Global brands’ zero-deforestation pledges prove hollow as 50 million hectares of forest vanish

12.06.2019

An area twice the size of the UK has been cleared for agribusiness globally since 2010 as illegal cultivation practices of multinational firms add to forest destruction

An aerial view of deforestation in the Brazilian Amazon. Photo: Greenpeace

The failure of brands such as Nestlé, Unilever and Kellog to enact zero-deforestation policies they agreed to a decade ago has been a major contributing factor in the loss of 50 million hectares of global forests, new analysis by Greenpeace has claimed.

At the Consumer Goods Forum (CGF) in 2010, the world’s biggest consumer names committed to “end deforestation by 2020” and ensure responsible sourcing of the palm oil, soy, cocoa and other commodities used in their products.

However, CGF members, which also include Danone and Mondelez among others, have woefully failed in turning rhetoric into reality, according to the Greenpeace report published this month.

Instead many have presided over the increased production of agricultural commodities – 80 per cent of global deforestation is a direct result of such cultivation – to meet a rising global demand and consequently have left large swathes of forest in Africa, South-East Asia and Latin America decimated.

Greenpeace analysis estimates that five million hectares of global forests and tree cover were lost each year between 2010 and 2015 for global commodity production and that by the end of 2019, 50 million hectares – an area twice the size of the UK – will have been cleared since the start of the decade.

“These companies are destroying our children’s future by driving us towards climate and ecological collapse. They’ve wasted a decade on half-measures and in that time vast areas of the natural world have been destroyed,” Anna Jones, Global Project Lead for Forests at Greenpeace UK, said.

Intensive large-scale farming for cattle, soy, palm oil and other crops is being bankrolled by the world’s largest consumer-facing firms in order to produce everything from shampoo and cosmetics, to chocolate bars and meat products for international markets.

The failures of industry to not only stamp out deforestation but also ensure land clearing is legitimate and free from environmental and human rights illegalities remains a major issue.

Between 2000 and 2012, the exportation of commodities produced on illegally cleared land accounted for 25 per cent of all tropical deforestation and was worth $61bn a year, according to a 2014 Forest Trends report.

Be it household names such as Mars sourcing cocoa linked to illegal land clearing in West Africa, palm oil giant Wilmar accelerating forest destruction in Indonesia or the world’s largest meat processing firm, JBS, buying cattle from illegally deforested lands in Brazil, a raft of firms have faced illegal deforestation allegations in recent years.

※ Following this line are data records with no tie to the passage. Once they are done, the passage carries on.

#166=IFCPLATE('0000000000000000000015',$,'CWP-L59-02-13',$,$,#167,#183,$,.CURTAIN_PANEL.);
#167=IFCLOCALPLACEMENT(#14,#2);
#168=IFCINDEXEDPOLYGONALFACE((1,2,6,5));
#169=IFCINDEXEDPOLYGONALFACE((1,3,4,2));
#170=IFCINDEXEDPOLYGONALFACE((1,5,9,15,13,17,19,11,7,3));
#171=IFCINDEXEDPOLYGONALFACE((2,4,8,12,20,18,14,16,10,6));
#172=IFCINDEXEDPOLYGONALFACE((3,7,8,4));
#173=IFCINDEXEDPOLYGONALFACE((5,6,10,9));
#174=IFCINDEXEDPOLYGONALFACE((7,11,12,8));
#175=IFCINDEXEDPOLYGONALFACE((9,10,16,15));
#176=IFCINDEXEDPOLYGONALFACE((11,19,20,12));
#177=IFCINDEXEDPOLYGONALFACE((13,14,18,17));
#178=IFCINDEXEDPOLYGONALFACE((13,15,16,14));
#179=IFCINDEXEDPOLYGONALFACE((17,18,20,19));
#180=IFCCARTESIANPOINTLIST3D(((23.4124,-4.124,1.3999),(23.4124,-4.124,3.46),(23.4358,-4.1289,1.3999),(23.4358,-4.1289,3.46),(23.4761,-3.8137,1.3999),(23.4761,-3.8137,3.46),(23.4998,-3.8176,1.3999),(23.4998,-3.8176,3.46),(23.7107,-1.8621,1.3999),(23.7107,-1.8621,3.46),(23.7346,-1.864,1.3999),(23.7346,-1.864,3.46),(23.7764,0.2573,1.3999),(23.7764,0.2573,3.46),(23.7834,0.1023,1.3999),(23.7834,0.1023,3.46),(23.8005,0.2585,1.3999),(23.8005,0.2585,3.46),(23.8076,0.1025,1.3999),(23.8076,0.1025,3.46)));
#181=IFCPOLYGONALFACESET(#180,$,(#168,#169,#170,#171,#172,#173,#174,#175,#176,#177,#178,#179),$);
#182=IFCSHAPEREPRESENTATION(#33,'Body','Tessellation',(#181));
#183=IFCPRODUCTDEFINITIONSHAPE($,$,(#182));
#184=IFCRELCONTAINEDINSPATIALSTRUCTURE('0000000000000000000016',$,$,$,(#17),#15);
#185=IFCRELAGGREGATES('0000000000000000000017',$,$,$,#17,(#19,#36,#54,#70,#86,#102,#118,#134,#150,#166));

Since 2010, the area planted with soy in Brazil has increased 45 per cent, Indonesian palm oil production is up 75 per cent and Côte d’Ivoire’s cocoa footprint has grown by 80 per cent, the Greenpeace report claims.

The analysis echoes the recent findings of conservation NGO Global Canopy. Nearly half of the 500 companies monitored via its Forest 500 initiative committed to achieving zero deforestation in their supply chains by 2020 but “not one” is on track to do so, the NGO said in March.

One area that Greenpeace highlights in its analysis is the rampant deforestation for soy and cattle that persists in Brazil’s Cerrado, the world’s most wildlife-rich savannah.

Of the handful of brands who responded to Greenpeace requests to name their suppliers, all those sourcing soy were buying from trading giants Cargill and Bunge – despite the fact that the pair were fined $29m by Brazilian authorities in 2018 for purchasing grain from illegally deforested lands in the Cerrado.

“While global attention has been focused on the Amazon, the soya and cattle industries have been trashing the Cerrado – destroying the local environment, aggravating the climate crisis, and displacing and committing violence against Indigenous and traditional populations that have occupied the territory for hundreds of years,” Greenpeace Brazil’s Romulo Batista said. “Global brands must bring their suppliers under control.”